- Хорошо, леди Мэрион. Я попытаюсь. Но с одним условием.
- Условием?! – ее брови взлетели так высоко, что скрылись под покрывалом. – Каким же?
- Вы снимете свои браслеты и не наденете их до завтрашнего дня. Прошу прощения за дерзость, но они отвратительны. И совсем вам не идут.

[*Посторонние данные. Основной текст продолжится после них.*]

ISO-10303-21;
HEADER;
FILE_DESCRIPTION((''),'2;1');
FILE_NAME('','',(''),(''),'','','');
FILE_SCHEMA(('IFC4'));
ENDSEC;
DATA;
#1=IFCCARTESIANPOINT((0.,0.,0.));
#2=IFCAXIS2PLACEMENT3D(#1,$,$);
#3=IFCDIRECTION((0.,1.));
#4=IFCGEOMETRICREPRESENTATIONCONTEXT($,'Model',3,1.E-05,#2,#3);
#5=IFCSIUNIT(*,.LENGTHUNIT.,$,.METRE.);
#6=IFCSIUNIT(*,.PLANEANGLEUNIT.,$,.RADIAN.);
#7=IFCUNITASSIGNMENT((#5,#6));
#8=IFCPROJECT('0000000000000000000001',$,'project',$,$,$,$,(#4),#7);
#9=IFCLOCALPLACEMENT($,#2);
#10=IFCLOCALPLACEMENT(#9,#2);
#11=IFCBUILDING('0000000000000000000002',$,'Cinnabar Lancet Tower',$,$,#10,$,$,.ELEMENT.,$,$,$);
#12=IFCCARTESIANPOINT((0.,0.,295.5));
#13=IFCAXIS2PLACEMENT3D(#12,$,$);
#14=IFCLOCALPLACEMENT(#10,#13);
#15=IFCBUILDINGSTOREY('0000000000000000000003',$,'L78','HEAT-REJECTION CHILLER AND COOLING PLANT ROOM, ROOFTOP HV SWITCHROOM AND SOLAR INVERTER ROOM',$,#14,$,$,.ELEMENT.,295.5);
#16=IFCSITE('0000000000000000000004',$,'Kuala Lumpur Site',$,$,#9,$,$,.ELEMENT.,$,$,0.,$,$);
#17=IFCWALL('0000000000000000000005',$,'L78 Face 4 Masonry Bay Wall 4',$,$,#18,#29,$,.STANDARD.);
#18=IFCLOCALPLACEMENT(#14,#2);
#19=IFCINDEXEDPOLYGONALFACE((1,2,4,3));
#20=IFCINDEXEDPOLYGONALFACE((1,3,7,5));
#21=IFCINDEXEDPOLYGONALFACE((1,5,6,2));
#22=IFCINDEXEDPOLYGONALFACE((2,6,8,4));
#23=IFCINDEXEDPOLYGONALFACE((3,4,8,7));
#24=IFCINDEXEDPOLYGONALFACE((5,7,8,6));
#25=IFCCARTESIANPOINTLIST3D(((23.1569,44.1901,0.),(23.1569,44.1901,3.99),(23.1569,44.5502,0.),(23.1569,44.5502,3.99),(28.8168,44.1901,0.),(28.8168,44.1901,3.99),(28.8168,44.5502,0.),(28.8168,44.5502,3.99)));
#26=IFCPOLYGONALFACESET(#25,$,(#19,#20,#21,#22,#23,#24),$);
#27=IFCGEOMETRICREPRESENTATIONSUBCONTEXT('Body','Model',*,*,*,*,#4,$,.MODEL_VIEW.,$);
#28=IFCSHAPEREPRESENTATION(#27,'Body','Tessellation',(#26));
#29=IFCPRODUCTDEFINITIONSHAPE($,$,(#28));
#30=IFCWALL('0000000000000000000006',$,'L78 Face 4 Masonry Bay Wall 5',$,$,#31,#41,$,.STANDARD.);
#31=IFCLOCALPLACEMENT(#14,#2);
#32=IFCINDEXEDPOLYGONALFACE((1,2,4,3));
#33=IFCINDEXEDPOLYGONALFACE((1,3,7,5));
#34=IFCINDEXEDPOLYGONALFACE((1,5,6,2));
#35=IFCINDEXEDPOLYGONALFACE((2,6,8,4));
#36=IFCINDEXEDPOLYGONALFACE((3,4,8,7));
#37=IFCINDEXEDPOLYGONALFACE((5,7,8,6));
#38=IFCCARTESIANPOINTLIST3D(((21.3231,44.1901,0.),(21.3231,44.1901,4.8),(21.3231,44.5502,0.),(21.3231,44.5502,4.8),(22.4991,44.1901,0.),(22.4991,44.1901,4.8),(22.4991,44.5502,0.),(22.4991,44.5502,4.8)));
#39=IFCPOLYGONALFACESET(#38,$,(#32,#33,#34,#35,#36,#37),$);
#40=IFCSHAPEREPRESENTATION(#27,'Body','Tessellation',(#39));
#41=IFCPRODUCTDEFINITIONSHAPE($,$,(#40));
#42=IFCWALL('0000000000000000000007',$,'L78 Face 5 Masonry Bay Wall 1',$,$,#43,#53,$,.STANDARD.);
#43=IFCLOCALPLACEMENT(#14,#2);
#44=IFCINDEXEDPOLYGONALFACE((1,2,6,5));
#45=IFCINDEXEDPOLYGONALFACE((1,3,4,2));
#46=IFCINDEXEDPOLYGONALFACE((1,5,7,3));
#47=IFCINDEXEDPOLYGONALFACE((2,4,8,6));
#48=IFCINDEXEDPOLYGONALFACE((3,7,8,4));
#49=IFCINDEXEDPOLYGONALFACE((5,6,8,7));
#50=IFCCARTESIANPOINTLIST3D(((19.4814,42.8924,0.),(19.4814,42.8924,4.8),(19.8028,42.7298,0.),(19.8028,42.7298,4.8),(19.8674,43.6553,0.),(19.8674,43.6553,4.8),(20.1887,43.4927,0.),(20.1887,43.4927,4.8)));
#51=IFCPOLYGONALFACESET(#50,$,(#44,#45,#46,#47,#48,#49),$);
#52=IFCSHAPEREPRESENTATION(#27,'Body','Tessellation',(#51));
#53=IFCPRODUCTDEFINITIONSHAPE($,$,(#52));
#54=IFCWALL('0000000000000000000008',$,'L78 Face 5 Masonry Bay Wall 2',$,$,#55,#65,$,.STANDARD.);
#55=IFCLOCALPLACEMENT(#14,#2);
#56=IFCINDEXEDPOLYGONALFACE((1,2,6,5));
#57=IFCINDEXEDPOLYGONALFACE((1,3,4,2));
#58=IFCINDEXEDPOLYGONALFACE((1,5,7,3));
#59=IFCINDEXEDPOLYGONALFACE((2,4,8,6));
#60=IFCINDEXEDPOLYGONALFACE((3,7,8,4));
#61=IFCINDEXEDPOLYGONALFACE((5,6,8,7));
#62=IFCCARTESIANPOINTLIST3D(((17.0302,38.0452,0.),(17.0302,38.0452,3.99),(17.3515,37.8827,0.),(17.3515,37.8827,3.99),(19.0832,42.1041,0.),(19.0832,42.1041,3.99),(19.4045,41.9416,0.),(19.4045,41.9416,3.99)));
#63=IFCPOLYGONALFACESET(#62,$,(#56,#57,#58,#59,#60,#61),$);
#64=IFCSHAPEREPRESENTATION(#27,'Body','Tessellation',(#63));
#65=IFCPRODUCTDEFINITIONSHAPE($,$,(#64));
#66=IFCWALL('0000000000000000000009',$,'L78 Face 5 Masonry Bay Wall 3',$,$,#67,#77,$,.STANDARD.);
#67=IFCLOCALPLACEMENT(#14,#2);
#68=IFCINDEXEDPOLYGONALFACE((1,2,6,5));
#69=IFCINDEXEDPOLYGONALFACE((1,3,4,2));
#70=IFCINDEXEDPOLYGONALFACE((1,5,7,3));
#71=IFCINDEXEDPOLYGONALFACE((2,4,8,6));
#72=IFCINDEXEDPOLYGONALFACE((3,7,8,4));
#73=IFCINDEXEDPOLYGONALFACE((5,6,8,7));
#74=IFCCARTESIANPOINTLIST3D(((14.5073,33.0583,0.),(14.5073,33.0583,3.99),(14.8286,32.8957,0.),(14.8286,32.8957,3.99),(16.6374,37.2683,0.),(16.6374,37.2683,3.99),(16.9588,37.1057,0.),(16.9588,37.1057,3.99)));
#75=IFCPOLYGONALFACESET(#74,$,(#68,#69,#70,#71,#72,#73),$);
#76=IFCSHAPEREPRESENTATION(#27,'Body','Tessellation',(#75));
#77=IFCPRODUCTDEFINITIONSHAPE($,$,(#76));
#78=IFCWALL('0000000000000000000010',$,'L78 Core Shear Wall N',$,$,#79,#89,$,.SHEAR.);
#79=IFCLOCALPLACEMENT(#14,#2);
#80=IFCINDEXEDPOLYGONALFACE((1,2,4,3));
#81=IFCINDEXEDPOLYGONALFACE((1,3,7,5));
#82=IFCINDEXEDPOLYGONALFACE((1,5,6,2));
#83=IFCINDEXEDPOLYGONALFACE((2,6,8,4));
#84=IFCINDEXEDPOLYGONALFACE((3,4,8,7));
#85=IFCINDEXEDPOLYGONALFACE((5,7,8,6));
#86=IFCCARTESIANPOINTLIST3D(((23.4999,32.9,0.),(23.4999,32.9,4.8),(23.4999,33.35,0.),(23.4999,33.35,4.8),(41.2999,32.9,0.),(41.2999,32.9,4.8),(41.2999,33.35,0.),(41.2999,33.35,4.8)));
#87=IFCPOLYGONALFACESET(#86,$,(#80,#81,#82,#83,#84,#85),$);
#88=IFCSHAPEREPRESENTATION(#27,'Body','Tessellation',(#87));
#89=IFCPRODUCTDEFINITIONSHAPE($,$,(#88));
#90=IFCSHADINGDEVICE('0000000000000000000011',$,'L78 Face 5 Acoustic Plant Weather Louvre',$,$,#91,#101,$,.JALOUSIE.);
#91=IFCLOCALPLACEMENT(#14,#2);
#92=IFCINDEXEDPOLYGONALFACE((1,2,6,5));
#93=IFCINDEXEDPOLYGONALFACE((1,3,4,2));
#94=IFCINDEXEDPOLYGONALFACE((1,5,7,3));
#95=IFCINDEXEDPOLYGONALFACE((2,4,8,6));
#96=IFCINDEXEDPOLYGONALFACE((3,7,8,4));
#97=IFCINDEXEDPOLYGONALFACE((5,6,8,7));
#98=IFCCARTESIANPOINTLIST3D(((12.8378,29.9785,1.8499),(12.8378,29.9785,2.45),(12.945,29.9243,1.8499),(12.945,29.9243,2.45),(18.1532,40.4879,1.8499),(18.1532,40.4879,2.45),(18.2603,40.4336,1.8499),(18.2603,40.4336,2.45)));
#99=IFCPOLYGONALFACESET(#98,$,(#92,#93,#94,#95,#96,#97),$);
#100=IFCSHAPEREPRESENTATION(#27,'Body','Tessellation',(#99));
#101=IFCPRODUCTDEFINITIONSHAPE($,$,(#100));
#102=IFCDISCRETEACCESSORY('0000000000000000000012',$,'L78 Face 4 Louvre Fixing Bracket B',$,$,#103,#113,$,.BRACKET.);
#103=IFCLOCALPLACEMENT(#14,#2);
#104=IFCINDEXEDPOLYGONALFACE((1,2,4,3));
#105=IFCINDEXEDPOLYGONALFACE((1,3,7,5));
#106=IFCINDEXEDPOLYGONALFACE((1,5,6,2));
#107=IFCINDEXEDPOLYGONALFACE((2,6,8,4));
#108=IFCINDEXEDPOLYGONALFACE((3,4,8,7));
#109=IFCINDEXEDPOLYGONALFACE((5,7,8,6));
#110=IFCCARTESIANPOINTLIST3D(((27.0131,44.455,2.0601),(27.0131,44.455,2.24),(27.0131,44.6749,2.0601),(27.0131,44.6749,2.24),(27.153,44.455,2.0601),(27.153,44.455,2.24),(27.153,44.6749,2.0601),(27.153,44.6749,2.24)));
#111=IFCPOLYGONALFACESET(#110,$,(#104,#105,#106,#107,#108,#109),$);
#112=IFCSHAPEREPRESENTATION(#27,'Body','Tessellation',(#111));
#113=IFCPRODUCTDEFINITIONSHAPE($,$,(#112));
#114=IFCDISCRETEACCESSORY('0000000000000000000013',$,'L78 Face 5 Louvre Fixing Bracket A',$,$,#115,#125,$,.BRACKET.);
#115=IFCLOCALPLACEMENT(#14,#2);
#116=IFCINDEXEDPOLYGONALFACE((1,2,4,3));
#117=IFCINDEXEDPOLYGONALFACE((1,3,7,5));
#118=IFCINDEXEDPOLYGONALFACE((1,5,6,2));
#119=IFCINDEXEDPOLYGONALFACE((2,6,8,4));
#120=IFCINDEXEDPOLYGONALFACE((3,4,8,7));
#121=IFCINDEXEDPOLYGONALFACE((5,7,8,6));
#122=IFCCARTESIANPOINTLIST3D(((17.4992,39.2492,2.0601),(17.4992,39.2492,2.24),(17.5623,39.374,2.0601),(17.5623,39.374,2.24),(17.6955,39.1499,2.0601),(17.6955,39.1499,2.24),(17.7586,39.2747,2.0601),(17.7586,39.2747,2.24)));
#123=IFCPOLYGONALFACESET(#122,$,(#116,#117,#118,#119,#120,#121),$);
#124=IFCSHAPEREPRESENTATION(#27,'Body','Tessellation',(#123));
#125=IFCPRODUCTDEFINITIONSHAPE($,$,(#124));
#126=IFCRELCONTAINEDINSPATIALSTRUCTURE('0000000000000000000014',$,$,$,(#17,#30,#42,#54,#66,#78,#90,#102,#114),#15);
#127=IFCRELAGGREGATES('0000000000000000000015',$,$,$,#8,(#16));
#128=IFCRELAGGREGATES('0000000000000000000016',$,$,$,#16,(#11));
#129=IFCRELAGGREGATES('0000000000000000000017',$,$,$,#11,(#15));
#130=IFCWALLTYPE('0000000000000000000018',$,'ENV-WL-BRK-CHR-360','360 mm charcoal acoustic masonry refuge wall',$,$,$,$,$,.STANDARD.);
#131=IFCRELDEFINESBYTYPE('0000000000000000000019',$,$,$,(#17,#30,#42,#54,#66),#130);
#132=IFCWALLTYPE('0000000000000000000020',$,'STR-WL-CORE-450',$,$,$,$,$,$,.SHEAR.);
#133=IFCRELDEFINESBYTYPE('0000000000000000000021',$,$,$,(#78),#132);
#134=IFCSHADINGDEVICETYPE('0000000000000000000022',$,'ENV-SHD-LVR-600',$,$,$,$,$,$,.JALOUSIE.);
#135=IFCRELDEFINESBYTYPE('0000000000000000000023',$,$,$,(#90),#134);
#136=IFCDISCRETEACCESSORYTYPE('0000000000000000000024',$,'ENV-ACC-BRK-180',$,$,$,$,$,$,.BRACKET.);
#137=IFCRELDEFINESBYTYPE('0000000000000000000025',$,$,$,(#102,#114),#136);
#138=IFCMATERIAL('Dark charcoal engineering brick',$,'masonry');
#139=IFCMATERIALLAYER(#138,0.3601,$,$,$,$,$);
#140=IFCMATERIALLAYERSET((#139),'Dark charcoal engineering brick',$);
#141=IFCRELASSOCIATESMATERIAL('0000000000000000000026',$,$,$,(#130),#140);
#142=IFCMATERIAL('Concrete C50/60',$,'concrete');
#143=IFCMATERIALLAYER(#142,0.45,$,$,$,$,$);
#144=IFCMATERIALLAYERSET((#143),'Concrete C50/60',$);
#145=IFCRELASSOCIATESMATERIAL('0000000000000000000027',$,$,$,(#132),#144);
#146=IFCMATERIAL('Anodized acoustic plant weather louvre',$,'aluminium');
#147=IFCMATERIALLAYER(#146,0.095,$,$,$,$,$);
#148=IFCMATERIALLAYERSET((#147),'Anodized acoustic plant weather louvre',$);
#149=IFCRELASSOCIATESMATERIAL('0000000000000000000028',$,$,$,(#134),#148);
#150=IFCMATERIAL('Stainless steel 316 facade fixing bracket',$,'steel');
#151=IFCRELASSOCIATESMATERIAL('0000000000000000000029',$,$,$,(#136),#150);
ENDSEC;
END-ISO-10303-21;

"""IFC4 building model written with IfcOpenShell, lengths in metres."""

from ifc_helpers import new_model, si_unit, direction, frame, frame_2d, origin, origin_2d, place, context, subcontext, project, spatial, rectangle, extrude, material, layer, layer_set, type_object, element, save


model = new_model("IFC4")

# Units and contexts
model_context = context("Model", 3, precision=1e-05, world=origin(), true_north=direction((0.0, 1.0)))
body_context = subcontext(model_context, "Body", "Model", "MODEL_VIEW")
ifc_project = project(units=[si_unit("LENGTHUNIT", "METRE"), si_unit("PLANEANGLEUNIT", "RADIAN")], contexts=[model_context])

# Site, building, storey
site_placement = place(None, origin())
site = spatial("IfcSite", under=ifc_project, at=site_placement, Name="Kuala Lumpur Site", CompositionType="ELEMENT", RefElevation=0.0)
building_placement = place(site_placement, origin())
building = spatial("IfcBuilding", under=site, at=building_placement, Name="Cinnabar Lancet Tower", CompositionType="ELEMENT")
storey_placement = place(building_placement, frame((0.0, 0.0, 295.5)))
storey = spatial("IfcBuildingStorey", under=building, at=storey_placement, Name="L78", Description="HEAT-REJECTION CHILLER AND COOLING PLANT ROOM, ROOFTOP HV SWITCHROOM AND SOLAR INVERTER ROOM", CompositionType="ELEMENT", Elevation=295.5)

- Меня нисколько не интересует ваше мнение, де Даньер. Но если вы настаиваете…
Она стянула браслет с одного запястья, затем с другого и протянула Анри руку.
- Прошу вас, помогите мне. Развяжите. Надо же мне куда-то их убрать.
Анри развязал туго стянутый край рукава, положил туда браслет и снова завязал узел, а затем проделал то же самое с другими рукавом и браслетом.
- Теперь вы довольны?
Обойдя дом вдоль ограды, он обнаружил калитку, которой, судя по всему, пользовались слуги. И остановился чуть поодаль в ожидании, оказавшимся не слишком долгим. Молодая девушка, похоже, помощница прачки, с трудом тащила тяжелую плетеную корзину.
- Позволь, я тебе помогу, - подошел к ней Анри.
Девушка остановилась, глядя на него со смесью испуга и недоумения. Чтобы рыцарь вдруг захотел нести грязное белье?! Не дожидаясь, пока она придет в себя и заговорит, Анри подхватил корзину.
- Ты прачка? – спросил он, стараясь приноровиться к ее шагу.
- Нет, сэр рыцарь, я служанка в этом доме. Нас оставили при герцогине, пока она не отправится за море. Но я иду к прачке, несу белье.
- А ты не слышала, она собиралась куда-то сегодня? Герцогиня, а не прачка.
- Герцогиня уже уехала. Не так давно. Помолиться в часовню святого Томаса. Ее недавно построили августинские монахи, здесь недалеко.
Это была удача. Анри донес корзину до дома прачки, наградил девушку мелкой монеткой и поспешил к часовне. Но и там дорогу ему заступили солдаты. Впрочем, на этот раз он не слишком огорчился. Рано или поздно Алиенора должна была из часовни выйти, а там уж он найдет способ к ней пробиться.
Анри стоял, переминаясь с ноги на ногу, в середине небольшой кучки горожан, которые собрались поглазеть на мать короля – чтобы было потом о чем рассказать детям и внукам. Наконец двери часовни распахнулись, и герцогиня Алиенора вышла на низкое широкое крыльцо.
Ей уже исполнилось семьдесят лет, однако вряд ли кто-то, не зная наверняка, смог бы поверить в это. Герцогиня сохранила величественную осанку молодой женщины – той самой, о которой слагали стихи и пели песни. Темно-синее, почти черное блио под плащом подчеркивало ее стройность. Прозрачная легкая накидка, прикрывающая лицо, не позволяла увидеть на нем морщины, и только руки, эти вечные предательницы, намекали на ее почтенный возраст.